Significance: There are more than 5 million caregivers of Veterans; 75% of older Veterans
receive some caregiver support. Caregivers incur individual financial and emotional costs
even as they provide unpaid care. Having an effective self-management strategy that addresses
the needs of both can improve outcomes and quality of life for millions of Veterans who
suffer from chronic illnesses and their caregivers. This project addresses the priorities
"Long-term care and Caregiving," "Virtual Care/Telehealth," and "Access to Care" and is
consistent with the legislative goals of the MISSION Act.
Innovation and Impact: This highly innovative proposal uses the novel concept that
strengthening the interpersonal relationships between Veterans and caregivers can improve the
self-management of chronic conditions. It challenges current clinical paradigms by addressing
the collective stress coping needs of dyads. It is methodologically innovative because unlike
many behavioral intervention trials, it assesses barriers and facilitators to plan for future
implementation. The focus on technology-enabled tools is timely given how COVID19 has
transformed care delivery. This project takes advantage of the unique capabilities of the VA
health system to explore questions including robust caregiver support and virtual care
programs.
Specific Aims: With investments from VA HSR&D, the investigators have developed and
successfully pilot tested a new theoretically-derived technology called Web-based Self-care
Using Collaborative Coping EnhancEment in Diseases (web-SUCCEED). We propose to conduct a
randomized clinical trial comparing web-SUCCEED to an enhanced usual care (EUC) control. The
investigators will conduct a formative evaluation guided by the Consolidated Framework of
Implementation Research (CFIR) to accelerate future implementation.
1. Assess whether web-SUCCEED improves Veteran outcomes of self-management compared to EUC, 4
weeks and 6 months following randomization.
2a. Assess whether web-SUCCEED improves patient stress and quality of life. 2b. Assess
whether web-SUCCEED improves caregiver stress, quality of life and caregiver burden.
2c. Examine communication, dyadic coping, mutuality, and relationship quality as mediators of
primary and secondary outcomes (Aims 1, 2a, 2b).

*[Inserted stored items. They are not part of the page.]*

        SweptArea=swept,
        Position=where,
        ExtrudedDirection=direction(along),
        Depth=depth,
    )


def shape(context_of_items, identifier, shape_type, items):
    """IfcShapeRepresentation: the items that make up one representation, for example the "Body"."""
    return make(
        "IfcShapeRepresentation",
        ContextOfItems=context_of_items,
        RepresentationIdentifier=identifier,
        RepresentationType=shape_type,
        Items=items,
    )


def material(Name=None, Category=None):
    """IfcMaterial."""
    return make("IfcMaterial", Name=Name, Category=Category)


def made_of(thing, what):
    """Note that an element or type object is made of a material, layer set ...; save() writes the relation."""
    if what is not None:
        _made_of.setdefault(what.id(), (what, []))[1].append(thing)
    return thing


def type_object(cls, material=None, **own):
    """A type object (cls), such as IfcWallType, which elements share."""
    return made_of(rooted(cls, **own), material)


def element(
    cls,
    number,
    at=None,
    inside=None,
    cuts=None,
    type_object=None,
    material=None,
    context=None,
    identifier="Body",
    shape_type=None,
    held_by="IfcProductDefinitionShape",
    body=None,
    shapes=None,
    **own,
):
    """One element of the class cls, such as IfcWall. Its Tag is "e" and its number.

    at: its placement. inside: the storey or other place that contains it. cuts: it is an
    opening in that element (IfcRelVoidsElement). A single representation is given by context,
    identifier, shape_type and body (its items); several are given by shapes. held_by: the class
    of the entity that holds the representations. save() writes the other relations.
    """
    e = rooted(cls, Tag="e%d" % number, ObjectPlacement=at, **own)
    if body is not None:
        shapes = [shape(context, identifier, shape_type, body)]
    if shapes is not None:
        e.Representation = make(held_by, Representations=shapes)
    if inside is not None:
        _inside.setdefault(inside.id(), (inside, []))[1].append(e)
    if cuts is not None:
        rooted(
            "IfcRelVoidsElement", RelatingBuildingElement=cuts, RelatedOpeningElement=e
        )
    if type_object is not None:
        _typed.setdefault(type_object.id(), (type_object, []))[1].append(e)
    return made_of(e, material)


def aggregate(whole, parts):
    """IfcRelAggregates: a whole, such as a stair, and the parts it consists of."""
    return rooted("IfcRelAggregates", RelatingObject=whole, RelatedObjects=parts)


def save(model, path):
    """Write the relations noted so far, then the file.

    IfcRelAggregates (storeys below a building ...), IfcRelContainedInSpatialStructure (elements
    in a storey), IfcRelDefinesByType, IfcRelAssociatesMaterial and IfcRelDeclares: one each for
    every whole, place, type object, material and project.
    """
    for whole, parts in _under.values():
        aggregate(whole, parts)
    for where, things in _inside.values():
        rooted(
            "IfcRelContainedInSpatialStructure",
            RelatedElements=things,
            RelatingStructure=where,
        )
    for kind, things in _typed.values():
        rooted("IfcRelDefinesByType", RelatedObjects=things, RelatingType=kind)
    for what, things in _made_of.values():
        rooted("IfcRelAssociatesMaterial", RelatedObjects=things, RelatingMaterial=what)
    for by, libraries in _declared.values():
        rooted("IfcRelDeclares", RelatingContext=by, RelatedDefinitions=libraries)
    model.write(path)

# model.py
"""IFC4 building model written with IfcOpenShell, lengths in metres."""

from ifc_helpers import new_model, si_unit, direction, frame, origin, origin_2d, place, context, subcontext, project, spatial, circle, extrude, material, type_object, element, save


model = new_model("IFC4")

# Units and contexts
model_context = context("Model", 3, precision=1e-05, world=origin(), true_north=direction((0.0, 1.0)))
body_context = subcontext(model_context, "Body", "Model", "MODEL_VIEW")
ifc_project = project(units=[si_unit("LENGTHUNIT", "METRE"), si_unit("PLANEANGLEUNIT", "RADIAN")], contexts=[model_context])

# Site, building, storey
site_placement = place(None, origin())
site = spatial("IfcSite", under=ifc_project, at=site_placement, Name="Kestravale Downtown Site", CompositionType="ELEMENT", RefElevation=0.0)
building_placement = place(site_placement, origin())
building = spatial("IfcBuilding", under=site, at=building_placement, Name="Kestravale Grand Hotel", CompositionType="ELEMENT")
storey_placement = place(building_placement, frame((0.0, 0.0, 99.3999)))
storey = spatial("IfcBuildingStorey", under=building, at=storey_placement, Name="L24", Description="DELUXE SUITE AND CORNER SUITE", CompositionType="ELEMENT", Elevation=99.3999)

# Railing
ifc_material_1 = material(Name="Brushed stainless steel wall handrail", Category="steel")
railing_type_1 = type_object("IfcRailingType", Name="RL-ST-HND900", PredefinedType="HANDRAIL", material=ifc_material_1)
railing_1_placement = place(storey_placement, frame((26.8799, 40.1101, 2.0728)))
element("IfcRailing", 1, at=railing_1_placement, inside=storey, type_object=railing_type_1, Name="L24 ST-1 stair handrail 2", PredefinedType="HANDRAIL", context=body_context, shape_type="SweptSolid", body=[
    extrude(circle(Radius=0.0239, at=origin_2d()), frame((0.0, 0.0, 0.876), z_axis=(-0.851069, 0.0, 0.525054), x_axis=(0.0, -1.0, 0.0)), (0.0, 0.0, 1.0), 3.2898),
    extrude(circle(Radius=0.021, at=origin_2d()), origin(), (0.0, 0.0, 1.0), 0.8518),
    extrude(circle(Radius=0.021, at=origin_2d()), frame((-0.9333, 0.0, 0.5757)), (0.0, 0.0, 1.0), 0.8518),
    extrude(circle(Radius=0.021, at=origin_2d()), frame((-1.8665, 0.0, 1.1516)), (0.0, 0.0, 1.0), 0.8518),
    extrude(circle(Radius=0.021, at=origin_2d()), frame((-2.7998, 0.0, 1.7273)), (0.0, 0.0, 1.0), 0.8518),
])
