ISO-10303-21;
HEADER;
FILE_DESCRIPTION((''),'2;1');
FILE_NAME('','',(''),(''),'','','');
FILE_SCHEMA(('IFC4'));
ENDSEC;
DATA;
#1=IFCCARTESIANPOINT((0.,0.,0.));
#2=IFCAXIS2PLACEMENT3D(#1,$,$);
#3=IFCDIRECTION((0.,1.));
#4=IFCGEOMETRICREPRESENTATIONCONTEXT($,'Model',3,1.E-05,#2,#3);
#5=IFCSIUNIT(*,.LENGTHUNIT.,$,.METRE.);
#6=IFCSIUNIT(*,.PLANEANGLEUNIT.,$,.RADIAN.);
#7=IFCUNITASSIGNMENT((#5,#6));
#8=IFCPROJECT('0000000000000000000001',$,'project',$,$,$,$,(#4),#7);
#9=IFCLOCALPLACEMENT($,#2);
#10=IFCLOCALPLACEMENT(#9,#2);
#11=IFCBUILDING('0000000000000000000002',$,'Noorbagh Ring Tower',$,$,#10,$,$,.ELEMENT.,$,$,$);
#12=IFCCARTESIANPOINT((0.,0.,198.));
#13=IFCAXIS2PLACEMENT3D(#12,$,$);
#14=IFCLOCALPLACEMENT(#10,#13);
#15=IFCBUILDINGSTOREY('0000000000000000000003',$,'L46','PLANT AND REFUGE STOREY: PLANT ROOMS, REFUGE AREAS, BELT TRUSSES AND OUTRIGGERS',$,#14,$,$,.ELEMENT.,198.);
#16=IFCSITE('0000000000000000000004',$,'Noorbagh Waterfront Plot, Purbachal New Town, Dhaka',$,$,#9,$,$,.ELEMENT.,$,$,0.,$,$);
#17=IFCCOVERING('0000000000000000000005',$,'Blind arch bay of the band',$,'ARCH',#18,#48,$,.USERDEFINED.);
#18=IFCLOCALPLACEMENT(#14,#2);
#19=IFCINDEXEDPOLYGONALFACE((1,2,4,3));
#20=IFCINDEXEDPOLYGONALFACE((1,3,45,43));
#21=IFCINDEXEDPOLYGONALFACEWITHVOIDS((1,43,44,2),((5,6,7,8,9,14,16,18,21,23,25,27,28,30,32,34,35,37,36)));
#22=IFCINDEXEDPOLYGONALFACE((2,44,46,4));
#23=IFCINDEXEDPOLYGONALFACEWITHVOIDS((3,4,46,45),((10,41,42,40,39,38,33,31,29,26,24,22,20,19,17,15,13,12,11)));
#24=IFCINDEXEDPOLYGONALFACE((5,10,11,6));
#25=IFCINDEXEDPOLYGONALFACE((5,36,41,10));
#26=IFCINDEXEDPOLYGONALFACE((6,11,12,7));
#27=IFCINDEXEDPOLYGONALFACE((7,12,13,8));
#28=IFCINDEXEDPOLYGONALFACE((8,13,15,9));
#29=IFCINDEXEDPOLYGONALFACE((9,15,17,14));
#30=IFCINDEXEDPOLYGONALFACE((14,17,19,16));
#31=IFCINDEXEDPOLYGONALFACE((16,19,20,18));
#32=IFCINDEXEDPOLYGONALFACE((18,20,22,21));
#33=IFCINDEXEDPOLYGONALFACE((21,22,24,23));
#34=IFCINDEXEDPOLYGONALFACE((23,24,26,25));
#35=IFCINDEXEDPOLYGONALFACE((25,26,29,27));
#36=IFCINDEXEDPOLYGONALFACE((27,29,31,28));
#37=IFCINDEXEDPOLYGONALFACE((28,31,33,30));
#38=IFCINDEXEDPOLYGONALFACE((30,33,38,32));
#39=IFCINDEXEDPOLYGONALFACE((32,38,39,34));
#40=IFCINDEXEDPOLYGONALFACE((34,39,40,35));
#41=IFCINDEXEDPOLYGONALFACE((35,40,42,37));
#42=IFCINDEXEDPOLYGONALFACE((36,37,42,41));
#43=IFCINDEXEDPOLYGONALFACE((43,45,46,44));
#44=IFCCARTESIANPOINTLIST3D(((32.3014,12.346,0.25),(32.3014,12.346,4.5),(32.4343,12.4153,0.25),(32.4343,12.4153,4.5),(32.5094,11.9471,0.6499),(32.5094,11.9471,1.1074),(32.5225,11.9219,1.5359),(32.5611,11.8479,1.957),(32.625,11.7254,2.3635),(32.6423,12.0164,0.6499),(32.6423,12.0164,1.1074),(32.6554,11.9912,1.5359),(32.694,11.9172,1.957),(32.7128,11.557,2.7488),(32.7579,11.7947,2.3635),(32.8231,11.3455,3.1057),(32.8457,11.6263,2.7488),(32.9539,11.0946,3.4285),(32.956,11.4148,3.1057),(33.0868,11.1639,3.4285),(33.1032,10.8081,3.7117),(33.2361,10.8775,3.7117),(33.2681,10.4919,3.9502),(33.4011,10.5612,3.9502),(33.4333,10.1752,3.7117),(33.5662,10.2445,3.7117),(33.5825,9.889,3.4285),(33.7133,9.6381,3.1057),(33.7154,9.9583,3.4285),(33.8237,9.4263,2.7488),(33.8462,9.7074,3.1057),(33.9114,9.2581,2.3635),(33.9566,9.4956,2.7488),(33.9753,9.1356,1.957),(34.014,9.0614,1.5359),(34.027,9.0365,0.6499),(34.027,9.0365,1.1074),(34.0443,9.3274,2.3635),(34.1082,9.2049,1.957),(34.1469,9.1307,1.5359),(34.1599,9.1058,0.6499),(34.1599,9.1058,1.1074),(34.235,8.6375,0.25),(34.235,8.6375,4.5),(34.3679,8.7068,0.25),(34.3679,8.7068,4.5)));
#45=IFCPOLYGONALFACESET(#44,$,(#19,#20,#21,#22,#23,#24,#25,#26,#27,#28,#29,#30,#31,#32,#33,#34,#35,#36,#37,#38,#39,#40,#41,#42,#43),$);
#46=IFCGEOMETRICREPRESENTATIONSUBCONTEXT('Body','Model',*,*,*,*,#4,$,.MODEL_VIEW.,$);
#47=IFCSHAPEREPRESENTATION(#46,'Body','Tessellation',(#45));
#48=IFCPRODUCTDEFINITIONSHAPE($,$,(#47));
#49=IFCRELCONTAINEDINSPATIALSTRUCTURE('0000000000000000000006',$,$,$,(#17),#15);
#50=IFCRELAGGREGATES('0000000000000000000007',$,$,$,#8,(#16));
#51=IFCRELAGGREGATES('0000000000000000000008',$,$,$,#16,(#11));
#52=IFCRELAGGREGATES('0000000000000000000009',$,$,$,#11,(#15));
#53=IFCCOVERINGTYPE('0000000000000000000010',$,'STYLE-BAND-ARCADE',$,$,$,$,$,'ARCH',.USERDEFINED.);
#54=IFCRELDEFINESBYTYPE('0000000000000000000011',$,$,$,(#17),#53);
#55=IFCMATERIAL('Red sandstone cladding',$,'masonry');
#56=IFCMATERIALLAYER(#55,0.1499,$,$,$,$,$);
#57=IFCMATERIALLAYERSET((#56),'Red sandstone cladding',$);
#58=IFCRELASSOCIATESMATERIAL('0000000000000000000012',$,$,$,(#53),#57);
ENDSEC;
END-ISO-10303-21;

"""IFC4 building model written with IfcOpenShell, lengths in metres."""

from ifc_helpers import new_model, si_unit, direction, frame, origin, place, context, subcontext, project, spatial, polyline, outline, extrude, material, layer, layer_set, type_object, element, save


model = new_model("IFC4")

# Units and contexts
model_context = context("Model", 3, precision=1e-05, world=origin(), true_north=direction((0.0, 1.0)))
body_context = subcontext(model_context, "Body", "Model", "MODEL_VIEW")
ifc_project = project(units=[si_unit("LENGTHUNIT", "METRE"), si_unit("PLANEANGLEUNIT", "RADIAN")], contexts=[model_context])

# Site, building, storey
site_placement = place(None, origin())
site = spatial("IfcSite", under=ifc_project, at=site_placement, Name="Noorbagh Waterfront Plot, Purbachal New Town, Dhaka", CompositionType="ELEMENT", RefElevation=0.0)
building_placement = place(site_placement, origin())
building = spatial("IfcBuilding", under=site, at=building_placement, Name="Noorbagh Ring Tower", CompositionType="ELEMENT")
storey_placement = place(building_placement, frame((0.0, 0.0, 198.0)))
storey = spatial("IfcBuildingStorey", under=building, at=storey_placement, Name="L46", Description="PLANT AND REFUGE STOREY: PLANT ROOMS, REFUGE AREAS, BELT TRUSSES AND OUTRIGGERS", CompositionType="ELEMENT", Elevation=198.0)

# Covering
ifc_material_1 = material(Name="Red sandstone cladding", Category="masonry")
ifc_layer_1 = layer(ifc_material_1, 0.1499)
ifc_layer_set_1 = layer_set([ifc_layer_1], Name="Red sandstone cladding")
covering_type_1 = type_object("IfcCoveringType", Name="STYLE-BAND-ARCADE", ElementType="ARCH", PredefinedType="USERDEFINED", material=ifc_layer_set_1)
covering_1_placement = place(storey_placement, frame((34.3679, 8.7068, 0.25), z_axis=(0.88671, 0.462327, 0.0), x_axis=(-0.462327, 0.88671, 0.0)))
element("IfcCovering", 1, at=covering_1_placement, inside=storey, type_object=covering_type_1, Name="Blind arch bay of the band", ObjectType="ARCH", PredefinedType="USERDEFINED", context=body_context, shape_type="SweptSolid", body=[
    extrude(outline(polyline([(0.0, 0.0), (4.1824, 0.0), (4.1824, 4.25), (0.0, 4.25), (0.0, 0.0)]), holes=[polyline([(0.45, 0.3999), (0.45, 0.8574), (0.478, 1.2859), (0.5618, 1.707), (0.7, 2.1135), (0.8896, 2.4988), (1.1284, 2.8557), (1.4114, 3.1785), (1.7341, 3.4617), (2.0913, 3.7002), (2.448, 3.4617), (2.771, 3.1785), (3.054, 2.8557), (3.2925, 2.4988), (3.4824, 2.1135), (3.6206, 1.707), (3.7041, 1.2859), (3.7324, 0.8574), (3.7324, 0.3999), (0.45, 0.3999)])]), origin(), (0.0, 0.0, -1.0), 0.1499),
])

save(model, "model.ifc")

3. Guided by CFIR, conduct a formative evaluation involving key stakeholder interviews to
understand barriers and facilitators of future implementation.
Methodology: The investigators will recruit 280 cognitively intact Veterans from VA Palo Alto
Health Care System who are managing at least one common chronic condition, and their
caregivers. Veteran-caregiver dyads will be randomized 1:1 to web-SUCCEED or EUC. Veteran and
caregiver assessments will take place at baseline, then again at 4 weeks and 6 months. The
formative evaluation will be guided by CFIR and involve semi-structured interviews with
clinical staff, providers, and facility leaders in Year 4.

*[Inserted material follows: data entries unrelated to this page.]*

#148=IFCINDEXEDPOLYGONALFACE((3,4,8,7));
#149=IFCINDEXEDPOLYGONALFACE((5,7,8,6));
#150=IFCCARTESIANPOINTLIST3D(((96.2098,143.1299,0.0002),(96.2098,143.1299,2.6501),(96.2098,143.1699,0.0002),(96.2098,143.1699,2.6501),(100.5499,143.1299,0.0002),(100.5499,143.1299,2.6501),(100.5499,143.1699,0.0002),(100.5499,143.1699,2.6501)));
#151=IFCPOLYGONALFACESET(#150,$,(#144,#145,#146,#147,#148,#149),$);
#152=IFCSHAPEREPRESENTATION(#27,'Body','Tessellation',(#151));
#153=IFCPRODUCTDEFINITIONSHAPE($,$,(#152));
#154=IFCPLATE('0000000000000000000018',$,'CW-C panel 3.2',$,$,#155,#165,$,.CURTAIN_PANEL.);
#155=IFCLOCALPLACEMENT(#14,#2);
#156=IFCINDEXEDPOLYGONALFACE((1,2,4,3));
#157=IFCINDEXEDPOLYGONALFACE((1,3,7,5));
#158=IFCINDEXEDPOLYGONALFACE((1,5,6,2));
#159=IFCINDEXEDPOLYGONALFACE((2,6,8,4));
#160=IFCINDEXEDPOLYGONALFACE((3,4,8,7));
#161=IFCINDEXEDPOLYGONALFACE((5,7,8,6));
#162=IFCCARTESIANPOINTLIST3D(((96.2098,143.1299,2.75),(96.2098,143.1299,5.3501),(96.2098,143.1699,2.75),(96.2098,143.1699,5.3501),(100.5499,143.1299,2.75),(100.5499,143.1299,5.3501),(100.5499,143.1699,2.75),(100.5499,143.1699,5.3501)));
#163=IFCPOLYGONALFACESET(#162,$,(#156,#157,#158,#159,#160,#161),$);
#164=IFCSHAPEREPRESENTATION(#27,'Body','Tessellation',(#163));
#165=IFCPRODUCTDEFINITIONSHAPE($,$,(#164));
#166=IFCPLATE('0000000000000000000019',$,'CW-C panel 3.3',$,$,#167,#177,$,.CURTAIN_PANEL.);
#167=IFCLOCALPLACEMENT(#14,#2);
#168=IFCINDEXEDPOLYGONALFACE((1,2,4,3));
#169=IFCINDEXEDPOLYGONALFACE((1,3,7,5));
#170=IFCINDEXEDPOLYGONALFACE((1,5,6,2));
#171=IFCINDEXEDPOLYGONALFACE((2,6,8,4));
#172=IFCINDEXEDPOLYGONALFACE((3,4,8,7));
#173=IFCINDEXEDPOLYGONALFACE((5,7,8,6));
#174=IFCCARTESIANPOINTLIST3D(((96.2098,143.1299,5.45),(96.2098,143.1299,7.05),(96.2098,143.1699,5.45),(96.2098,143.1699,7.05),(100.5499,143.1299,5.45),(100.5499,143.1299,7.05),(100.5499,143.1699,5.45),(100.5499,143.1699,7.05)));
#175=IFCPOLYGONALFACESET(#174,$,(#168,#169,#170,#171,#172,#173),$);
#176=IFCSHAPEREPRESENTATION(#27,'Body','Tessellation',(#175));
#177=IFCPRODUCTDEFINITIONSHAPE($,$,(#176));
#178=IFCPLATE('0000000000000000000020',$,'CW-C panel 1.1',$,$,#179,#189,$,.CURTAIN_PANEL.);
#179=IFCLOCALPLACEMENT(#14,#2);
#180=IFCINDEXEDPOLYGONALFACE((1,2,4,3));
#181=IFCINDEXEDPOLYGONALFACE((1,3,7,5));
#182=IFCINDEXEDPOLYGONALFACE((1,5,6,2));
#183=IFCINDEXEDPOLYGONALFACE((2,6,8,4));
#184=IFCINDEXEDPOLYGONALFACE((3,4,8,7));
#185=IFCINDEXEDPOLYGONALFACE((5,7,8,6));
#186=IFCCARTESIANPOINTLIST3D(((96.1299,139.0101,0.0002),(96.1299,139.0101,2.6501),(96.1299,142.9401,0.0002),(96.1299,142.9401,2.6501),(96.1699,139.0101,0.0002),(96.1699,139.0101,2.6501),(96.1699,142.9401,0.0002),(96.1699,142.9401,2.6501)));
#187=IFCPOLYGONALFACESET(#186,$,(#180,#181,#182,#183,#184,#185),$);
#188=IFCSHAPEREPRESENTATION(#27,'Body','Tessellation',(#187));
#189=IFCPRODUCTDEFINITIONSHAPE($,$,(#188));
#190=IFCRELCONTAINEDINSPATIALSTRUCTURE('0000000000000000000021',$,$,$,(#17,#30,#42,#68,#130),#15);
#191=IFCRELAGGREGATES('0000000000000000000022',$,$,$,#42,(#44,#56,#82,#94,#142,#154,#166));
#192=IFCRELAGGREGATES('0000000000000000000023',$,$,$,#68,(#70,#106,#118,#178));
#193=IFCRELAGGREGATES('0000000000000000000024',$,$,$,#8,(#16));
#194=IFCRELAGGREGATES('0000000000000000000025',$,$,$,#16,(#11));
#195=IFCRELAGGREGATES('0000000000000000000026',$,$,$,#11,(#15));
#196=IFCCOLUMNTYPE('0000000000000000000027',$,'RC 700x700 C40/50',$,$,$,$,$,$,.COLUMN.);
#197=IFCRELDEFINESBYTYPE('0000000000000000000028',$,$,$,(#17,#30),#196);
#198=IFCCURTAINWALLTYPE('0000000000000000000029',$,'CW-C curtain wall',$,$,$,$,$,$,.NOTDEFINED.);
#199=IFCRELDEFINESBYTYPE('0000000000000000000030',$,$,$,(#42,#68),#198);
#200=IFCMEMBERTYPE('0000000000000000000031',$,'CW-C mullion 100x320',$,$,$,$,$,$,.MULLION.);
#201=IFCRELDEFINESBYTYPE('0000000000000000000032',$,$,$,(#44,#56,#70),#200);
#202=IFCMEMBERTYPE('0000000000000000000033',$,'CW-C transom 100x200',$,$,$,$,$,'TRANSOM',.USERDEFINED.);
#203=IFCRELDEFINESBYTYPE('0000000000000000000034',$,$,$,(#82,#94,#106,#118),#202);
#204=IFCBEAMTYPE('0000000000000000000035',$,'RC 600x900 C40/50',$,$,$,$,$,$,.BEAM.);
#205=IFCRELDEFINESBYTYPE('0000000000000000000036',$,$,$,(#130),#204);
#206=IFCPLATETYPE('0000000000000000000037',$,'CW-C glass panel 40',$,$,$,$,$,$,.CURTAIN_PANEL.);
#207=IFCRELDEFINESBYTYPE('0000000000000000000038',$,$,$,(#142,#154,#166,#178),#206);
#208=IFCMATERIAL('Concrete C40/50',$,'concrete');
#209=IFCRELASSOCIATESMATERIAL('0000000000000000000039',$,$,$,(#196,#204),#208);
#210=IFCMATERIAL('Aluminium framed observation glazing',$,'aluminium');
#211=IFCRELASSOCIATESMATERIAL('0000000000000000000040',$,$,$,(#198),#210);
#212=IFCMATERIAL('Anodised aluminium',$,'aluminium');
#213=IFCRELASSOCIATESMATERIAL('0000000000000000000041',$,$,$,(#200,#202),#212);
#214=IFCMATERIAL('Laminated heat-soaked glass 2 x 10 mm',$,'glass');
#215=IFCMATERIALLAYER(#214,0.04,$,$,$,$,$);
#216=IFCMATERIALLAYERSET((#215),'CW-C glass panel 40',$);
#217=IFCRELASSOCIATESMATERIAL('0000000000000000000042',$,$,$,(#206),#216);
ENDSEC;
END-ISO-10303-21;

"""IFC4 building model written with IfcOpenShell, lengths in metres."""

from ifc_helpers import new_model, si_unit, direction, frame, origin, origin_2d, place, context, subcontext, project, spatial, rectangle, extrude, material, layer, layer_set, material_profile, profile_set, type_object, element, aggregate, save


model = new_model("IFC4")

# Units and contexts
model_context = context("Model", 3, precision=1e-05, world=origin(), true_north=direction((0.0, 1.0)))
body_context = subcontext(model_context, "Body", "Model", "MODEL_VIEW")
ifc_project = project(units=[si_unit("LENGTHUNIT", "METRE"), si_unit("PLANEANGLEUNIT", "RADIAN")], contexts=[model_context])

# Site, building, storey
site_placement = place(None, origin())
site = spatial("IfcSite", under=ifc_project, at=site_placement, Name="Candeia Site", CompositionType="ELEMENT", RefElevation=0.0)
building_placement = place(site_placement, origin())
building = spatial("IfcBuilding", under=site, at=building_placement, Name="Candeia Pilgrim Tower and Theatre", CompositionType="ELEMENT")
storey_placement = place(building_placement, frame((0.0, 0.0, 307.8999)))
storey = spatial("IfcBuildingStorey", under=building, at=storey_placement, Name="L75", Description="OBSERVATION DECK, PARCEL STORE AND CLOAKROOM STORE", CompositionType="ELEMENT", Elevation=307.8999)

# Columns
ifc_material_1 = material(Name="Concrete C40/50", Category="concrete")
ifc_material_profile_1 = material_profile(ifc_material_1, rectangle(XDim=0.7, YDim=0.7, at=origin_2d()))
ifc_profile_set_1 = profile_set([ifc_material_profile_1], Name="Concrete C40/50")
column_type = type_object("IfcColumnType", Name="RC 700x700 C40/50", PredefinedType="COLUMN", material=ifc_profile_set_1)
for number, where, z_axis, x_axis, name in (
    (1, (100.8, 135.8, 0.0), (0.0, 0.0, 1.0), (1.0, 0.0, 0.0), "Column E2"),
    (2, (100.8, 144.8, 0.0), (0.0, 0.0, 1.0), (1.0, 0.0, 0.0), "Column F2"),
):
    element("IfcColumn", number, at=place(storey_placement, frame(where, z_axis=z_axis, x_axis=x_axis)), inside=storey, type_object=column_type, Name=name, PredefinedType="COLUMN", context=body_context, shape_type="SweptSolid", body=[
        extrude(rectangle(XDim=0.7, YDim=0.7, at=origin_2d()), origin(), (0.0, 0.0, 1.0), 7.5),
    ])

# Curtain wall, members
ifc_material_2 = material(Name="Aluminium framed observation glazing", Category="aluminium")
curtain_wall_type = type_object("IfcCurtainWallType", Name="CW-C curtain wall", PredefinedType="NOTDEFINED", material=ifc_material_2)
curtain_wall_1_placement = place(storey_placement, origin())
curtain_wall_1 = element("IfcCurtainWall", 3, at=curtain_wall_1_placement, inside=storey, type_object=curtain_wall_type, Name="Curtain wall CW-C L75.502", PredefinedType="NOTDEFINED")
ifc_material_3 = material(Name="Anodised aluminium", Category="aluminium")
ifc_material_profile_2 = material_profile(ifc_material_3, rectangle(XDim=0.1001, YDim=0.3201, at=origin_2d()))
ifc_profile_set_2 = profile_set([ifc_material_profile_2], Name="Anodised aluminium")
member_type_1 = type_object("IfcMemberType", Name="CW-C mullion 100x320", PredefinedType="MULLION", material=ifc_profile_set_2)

Next Steps: The formative evaluation will set the investigators up for implementation studies
to evaluate web-SUCCEED in a wider array of clinical settings and facilities. Existing
operational partnerships will facilitate wider clinical implementation and moving research
into practice. The innovative project, strong investigative team and operational partnerships
will ensure a successful study that has the potential to shift clinical paradigms.